# 3+ Monitors



## Barnytron (Dec 27, 2011)

I am looking for a solution to use 3 monitors on FreeBSD. At the moment I use a HD 6870 on Windows/Linux but this isn't possible on FreeBSD due to the card requiring KMS.

I was thinking of buying 2x GeForce 9800 GT's, but I am unsure if I will be able to configure this correctly to have 3 separate workspaces not one spread across all the monitors as I will be using i3-wm.

Does anyone have a setup like this, or can give advice.

Thanks.


----------



## gentoobob (Jan 11, 2012)

I read an article a while back that FreeBSD doesn't support SLI yet.  If that is what you are trying to do with the 2 9800's.


----------



## BuSerD (Feb 12, 2012)

I've been using dual monitors for a few years on fbsd FreeBSD. Recently switched jobs and some additional responsibilities have me considering the increase to tri-monitors. Being used to researching things before attempting them I went to the nvidia documentation:

http://us.download.nvidia.com/XFree86/FreeBSD-x86_64/290.10/README/sli.html 

SLI is reported as "supported" and step by step instructions for configuration is provided. Probably a good idea to read more of docs before I proceed with the build but I hope this helps you on your way.


----------



## bbzz (Feb 12, 2012)

Yes it's possible and you don't need SLI for this, since you want separate workspaces per video output. I was able to do this before; you need to set it up in *xorg.conf*. It was really simple, but it was while ago and I can't remember what I did exactly.

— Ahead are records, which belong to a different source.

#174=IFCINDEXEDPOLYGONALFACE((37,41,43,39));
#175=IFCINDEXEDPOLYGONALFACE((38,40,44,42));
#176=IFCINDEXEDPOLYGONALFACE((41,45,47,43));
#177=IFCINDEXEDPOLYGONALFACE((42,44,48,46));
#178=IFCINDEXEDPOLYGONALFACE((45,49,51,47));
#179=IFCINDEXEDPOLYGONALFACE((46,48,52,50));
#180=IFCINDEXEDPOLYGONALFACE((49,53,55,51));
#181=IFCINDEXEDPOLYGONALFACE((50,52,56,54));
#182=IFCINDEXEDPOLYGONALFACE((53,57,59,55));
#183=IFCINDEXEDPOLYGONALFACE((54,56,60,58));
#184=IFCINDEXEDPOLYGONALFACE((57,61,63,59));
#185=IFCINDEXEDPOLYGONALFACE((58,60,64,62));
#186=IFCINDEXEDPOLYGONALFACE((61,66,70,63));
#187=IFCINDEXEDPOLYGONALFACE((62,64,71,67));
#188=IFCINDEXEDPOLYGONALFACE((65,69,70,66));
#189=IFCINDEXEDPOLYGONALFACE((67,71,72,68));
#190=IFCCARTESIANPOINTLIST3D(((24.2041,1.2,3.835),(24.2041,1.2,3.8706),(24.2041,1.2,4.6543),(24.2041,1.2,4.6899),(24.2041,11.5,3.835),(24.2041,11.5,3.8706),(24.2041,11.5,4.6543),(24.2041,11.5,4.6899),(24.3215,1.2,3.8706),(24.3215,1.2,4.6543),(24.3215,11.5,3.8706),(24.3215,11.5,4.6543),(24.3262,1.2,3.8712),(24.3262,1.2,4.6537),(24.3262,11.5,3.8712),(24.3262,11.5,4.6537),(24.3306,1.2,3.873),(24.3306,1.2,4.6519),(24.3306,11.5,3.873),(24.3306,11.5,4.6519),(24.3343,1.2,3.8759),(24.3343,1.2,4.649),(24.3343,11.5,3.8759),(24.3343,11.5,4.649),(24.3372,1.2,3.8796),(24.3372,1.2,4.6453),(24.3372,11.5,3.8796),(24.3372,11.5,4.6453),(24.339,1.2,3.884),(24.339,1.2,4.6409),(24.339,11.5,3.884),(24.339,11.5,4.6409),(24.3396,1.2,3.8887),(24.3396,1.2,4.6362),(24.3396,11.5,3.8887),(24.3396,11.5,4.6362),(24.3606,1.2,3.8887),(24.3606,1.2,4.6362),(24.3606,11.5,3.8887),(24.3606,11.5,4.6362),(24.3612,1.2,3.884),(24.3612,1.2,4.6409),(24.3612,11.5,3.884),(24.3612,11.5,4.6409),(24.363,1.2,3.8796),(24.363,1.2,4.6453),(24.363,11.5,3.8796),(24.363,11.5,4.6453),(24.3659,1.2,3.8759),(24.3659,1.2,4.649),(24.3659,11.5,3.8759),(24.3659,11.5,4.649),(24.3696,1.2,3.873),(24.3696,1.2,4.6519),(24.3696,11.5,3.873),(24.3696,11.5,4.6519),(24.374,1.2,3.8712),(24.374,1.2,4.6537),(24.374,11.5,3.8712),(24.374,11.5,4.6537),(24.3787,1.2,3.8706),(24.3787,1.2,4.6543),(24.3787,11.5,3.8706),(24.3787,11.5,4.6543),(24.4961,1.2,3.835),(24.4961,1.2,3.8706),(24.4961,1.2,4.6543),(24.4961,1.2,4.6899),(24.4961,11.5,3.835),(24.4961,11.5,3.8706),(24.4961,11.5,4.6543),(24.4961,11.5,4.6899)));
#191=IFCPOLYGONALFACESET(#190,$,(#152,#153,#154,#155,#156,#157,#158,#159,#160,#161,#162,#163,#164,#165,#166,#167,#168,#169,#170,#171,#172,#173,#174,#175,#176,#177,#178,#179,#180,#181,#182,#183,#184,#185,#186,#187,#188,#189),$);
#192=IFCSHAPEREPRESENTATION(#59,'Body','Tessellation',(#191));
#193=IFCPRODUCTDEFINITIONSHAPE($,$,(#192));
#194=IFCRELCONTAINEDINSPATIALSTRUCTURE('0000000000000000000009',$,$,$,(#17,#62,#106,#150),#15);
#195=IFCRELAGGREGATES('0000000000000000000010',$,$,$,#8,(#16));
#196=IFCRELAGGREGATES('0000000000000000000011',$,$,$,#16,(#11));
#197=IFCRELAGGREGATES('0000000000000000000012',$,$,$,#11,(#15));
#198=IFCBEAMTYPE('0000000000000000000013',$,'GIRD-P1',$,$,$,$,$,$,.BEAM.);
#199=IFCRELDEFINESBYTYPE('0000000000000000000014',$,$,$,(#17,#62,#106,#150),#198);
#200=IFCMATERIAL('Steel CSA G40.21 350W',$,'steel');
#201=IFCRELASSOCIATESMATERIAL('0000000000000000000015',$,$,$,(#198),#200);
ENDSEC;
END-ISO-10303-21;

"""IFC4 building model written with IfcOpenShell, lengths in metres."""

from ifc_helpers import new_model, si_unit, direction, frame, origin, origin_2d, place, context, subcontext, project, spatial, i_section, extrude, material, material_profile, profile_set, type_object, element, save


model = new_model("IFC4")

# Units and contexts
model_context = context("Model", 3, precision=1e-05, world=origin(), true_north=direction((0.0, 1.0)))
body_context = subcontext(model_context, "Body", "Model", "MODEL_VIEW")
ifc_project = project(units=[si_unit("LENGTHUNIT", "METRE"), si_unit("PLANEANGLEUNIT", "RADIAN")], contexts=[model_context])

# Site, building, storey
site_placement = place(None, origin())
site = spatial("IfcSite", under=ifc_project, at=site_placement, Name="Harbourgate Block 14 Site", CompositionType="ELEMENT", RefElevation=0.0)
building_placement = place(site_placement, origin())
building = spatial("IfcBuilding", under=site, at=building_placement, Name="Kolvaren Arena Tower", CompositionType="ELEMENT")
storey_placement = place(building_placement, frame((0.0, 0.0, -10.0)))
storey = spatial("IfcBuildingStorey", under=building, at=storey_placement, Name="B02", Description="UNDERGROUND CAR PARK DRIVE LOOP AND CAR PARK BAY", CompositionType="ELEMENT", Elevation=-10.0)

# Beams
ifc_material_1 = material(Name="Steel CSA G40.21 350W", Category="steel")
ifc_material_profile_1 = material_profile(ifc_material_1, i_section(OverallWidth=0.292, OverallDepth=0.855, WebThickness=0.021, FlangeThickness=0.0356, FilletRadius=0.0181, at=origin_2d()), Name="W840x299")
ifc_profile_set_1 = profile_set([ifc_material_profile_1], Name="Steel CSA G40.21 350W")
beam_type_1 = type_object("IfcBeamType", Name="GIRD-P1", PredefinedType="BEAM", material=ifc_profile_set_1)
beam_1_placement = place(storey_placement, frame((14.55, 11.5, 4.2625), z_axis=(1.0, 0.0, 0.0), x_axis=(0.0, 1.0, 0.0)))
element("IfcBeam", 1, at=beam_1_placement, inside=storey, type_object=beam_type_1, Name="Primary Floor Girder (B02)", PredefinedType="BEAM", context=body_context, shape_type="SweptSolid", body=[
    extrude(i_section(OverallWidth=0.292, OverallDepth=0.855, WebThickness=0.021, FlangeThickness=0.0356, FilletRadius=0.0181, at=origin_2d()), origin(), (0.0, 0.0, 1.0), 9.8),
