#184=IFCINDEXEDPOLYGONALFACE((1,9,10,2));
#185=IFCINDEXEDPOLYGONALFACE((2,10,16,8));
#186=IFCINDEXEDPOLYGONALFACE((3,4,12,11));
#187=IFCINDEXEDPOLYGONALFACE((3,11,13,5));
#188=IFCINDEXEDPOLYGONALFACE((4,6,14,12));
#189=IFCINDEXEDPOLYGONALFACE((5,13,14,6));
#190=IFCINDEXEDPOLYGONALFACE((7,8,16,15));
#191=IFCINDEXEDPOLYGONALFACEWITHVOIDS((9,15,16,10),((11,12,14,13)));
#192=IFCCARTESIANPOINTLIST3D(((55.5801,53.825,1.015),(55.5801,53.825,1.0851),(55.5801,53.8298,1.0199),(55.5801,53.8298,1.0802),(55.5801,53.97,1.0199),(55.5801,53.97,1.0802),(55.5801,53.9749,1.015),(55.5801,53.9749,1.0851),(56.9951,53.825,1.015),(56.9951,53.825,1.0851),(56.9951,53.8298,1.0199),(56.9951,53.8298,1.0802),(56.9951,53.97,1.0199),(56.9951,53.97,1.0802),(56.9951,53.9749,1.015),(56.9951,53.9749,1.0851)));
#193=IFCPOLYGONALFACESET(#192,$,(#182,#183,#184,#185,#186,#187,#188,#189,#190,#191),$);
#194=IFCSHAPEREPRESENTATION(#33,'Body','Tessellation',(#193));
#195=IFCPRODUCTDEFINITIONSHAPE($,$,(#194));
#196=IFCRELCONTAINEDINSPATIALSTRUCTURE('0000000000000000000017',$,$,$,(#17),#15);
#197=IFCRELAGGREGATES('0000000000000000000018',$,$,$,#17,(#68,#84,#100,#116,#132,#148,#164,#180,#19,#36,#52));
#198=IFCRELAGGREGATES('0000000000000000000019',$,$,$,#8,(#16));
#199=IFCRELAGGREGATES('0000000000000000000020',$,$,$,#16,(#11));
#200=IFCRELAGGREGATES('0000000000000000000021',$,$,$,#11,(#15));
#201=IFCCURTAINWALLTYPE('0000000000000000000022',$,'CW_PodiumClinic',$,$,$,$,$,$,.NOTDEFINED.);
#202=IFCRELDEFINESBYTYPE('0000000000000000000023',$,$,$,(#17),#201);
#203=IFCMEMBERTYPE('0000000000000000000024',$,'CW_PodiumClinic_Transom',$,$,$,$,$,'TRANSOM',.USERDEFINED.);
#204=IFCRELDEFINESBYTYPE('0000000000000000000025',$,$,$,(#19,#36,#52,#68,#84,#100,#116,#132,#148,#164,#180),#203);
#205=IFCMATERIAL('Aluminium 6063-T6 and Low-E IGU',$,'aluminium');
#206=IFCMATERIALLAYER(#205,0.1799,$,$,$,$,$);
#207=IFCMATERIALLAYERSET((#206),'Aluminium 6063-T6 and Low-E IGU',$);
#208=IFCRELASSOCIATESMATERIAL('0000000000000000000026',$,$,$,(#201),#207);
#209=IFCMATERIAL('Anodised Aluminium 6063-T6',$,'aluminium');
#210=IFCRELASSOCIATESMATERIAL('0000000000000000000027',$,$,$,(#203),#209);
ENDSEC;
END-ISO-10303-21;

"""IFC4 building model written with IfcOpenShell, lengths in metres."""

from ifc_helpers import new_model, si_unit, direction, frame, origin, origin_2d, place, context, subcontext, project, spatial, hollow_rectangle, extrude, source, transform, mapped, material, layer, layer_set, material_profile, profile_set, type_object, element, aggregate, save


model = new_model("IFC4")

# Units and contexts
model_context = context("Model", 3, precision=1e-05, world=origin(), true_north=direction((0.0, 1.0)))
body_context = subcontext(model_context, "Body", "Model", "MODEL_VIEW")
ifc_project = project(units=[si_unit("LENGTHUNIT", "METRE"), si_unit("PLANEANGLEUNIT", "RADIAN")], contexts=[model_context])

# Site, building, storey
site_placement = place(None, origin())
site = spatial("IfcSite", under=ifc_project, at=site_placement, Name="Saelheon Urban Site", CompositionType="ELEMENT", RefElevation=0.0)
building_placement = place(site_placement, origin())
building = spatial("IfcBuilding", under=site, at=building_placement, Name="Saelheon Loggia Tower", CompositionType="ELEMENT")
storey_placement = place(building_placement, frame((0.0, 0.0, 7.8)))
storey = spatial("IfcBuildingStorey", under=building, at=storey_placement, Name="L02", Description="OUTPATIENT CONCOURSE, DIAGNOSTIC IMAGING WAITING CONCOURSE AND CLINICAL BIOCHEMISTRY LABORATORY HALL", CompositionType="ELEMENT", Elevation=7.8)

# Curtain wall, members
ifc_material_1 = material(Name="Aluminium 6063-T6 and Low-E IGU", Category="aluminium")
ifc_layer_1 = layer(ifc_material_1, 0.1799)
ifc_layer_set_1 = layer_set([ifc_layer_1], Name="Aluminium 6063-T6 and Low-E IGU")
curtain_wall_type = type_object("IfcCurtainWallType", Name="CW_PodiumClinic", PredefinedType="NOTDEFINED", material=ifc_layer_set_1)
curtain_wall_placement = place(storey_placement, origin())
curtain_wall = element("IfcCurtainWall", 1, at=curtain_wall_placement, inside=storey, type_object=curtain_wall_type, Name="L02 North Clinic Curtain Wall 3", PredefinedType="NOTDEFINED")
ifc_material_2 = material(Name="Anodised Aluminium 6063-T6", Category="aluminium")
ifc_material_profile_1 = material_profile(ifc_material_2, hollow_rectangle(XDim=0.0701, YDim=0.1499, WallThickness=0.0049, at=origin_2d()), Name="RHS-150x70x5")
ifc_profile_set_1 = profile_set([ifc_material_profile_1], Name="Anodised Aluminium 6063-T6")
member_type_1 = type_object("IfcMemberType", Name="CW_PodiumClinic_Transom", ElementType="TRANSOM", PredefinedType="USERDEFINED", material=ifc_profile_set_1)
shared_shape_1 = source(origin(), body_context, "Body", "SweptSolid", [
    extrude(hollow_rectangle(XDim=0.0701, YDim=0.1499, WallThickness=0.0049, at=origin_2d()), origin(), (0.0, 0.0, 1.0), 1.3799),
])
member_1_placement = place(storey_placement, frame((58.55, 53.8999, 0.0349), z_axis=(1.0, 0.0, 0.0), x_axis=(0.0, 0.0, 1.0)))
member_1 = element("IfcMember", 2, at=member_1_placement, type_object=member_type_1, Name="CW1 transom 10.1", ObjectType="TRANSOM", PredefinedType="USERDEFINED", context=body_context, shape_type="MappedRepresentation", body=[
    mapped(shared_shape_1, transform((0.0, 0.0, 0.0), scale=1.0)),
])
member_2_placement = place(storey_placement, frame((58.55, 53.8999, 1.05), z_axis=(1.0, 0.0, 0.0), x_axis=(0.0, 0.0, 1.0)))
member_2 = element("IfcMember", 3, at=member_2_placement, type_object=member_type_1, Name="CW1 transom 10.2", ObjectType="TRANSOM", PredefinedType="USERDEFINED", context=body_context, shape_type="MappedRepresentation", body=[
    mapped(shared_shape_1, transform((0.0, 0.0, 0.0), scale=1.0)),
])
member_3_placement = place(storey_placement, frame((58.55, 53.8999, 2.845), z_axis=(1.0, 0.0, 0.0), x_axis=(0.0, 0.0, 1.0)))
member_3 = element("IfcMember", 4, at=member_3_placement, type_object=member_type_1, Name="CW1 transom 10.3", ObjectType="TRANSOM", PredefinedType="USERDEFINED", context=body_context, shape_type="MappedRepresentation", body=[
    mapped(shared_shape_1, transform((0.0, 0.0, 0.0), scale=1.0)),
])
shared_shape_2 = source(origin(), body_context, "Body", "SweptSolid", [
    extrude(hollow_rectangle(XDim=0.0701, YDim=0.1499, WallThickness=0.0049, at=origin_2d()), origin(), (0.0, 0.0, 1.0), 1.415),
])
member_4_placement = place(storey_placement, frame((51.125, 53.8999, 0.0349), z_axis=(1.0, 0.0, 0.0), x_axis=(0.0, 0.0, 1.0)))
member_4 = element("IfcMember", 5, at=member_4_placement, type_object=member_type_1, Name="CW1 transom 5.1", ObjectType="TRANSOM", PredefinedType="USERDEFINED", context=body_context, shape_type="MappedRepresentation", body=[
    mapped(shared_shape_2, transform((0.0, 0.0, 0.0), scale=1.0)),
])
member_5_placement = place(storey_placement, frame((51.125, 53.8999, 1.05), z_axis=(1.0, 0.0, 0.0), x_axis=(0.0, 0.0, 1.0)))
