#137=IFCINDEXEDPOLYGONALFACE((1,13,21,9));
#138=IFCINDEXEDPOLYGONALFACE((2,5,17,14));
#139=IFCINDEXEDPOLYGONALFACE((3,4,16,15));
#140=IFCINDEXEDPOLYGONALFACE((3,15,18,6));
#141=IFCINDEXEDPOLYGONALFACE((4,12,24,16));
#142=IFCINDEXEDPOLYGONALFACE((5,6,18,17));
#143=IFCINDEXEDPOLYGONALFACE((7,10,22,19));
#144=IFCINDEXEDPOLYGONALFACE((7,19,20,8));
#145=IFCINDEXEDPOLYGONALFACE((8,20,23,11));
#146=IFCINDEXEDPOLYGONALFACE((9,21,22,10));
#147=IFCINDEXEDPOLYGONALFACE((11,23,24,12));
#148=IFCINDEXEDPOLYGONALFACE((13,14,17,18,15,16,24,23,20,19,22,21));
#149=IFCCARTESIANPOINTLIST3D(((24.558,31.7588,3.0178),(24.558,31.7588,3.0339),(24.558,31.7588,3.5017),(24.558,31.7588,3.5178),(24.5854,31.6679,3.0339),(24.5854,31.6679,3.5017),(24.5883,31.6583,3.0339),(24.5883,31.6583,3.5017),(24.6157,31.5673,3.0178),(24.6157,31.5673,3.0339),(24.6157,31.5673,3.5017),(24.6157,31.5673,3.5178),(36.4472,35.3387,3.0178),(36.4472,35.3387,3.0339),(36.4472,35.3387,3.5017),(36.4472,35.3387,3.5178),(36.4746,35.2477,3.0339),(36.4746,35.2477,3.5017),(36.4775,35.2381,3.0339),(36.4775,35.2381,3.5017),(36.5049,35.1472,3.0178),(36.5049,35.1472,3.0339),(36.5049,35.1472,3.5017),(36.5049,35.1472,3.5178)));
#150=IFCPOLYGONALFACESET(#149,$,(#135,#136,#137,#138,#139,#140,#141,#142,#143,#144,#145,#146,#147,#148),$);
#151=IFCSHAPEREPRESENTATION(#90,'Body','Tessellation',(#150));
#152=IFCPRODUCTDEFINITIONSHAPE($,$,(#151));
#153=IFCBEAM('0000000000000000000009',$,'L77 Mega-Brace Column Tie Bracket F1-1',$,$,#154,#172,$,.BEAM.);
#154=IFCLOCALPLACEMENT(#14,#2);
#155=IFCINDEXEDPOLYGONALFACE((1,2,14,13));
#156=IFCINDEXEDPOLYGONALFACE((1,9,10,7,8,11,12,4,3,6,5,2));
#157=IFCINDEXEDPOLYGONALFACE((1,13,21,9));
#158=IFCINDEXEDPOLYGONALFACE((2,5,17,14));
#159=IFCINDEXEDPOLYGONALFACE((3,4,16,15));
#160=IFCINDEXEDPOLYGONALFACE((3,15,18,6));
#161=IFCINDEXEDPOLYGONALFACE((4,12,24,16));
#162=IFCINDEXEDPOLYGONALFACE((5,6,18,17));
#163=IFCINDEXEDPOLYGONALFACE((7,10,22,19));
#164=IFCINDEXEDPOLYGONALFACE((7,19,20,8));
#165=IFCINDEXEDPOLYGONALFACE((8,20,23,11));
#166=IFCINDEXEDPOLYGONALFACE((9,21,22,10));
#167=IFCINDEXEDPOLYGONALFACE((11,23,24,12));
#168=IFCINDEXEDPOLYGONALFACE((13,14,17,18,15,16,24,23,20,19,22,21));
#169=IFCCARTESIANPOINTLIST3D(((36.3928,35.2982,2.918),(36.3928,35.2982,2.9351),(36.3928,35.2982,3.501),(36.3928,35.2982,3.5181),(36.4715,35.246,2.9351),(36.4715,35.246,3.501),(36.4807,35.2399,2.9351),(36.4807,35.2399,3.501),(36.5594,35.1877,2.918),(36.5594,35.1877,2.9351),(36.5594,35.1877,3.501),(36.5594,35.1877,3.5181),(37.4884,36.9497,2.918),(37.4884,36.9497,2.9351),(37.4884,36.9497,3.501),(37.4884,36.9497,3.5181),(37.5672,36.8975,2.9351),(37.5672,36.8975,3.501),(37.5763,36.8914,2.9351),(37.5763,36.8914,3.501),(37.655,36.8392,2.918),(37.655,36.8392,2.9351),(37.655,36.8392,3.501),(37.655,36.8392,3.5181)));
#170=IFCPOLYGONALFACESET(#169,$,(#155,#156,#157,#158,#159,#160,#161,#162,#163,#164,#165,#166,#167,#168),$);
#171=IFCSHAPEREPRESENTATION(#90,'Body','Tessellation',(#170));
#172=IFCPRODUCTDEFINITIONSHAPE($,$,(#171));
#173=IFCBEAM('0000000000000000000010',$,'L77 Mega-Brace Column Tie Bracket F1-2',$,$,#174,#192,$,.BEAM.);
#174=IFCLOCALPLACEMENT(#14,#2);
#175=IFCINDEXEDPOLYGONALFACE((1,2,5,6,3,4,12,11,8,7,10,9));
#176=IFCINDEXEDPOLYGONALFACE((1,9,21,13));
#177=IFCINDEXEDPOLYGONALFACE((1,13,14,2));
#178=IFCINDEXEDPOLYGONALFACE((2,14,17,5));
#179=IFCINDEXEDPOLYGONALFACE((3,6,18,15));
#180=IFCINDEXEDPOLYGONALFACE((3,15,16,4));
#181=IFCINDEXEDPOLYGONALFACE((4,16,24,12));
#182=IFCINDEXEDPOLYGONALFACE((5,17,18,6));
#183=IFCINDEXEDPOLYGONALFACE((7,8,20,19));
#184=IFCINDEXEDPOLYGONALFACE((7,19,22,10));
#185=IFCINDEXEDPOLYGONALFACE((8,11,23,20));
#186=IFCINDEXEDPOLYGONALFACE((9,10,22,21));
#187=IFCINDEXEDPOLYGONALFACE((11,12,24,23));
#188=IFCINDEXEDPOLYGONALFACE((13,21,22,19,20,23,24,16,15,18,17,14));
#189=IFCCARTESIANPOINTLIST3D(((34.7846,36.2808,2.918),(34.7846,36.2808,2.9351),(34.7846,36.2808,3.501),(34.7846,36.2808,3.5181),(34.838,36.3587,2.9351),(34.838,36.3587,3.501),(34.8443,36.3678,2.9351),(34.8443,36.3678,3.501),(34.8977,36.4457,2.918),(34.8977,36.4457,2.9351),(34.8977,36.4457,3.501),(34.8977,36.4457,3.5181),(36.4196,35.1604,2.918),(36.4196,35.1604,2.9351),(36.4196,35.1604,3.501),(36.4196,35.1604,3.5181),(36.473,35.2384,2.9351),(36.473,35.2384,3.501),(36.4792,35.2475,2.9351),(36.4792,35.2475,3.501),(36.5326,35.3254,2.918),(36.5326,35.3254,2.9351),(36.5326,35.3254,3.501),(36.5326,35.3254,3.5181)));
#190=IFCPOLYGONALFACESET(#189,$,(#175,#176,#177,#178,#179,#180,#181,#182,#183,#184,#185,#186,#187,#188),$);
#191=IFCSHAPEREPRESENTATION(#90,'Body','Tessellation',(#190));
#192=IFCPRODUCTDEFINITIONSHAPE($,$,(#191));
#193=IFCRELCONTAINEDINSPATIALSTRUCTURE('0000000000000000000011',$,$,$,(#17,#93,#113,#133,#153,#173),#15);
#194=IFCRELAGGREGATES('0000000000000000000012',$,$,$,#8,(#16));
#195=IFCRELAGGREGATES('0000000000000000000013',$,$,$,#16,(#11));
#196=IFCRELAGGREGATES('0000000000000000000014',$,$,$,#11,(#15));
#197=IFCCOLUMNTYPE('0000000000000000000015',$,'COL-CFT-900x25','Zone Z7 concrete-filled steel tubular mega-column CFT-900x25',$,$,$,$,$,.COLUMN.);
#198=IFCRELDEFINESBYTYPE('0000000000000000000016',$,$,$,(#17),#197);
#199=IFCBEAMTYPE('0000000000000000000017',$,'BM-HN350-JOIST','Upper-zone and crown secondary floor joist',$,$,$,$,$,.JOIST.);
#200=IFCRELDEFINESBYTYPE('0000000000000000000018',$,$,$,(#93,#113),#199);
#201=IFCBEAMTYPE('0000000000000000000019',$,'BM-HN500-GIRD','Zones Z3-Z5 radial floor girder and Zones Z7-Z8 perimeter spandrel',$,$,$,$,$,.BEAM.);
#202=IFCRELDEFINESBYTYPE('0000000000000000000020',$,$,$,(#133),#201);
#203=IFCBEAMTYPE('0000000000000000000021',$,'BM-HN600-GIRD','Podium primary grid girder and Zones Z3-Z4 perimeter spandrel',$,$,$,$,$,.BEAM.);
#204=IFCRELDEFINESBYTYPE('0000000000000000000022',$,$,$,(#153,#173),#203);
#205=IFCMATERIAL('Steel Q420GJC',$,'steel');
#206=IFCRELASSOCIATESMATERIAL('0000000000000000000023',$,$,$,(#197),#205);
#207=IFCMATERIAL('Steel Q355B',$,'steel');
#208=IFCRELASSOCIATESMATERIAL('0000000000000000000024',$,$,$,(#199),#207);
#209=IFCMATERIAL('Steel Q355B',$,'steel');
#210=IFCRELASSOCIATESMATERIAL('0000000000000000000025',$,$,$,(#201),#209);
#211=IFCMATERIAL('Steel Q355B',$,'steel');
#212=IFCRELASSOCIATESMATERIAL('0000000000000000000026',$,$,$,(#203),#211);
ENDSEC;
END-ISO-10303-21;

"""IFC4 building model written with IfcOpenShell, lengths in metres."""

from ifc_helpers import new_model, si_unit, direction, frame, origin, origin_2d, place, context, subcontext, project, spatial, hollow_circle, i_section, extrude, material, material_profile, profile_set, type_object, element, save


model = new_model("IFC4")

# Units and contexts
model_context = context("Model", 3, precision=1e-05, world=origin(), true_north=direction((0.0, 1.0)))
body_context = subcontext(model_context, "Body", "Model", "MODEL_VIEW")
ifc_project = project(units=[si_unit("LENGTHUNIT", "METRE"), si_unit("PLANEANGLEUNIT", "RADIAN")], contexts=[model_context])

But at least you know it can be done. 

edit: I forgot to say I used two nvidia cards, not radeon. Not sure about radeon.


----------



## wblock@ (Feb 12, 2012)

Actually, it may not work with the newer xorg; I tested with PCIe and PCI Radeons a while back.  http://forums.freebsd.org/showthread.php?t=28768 has some patches that may be required.  Someday, I need to test those again.


----------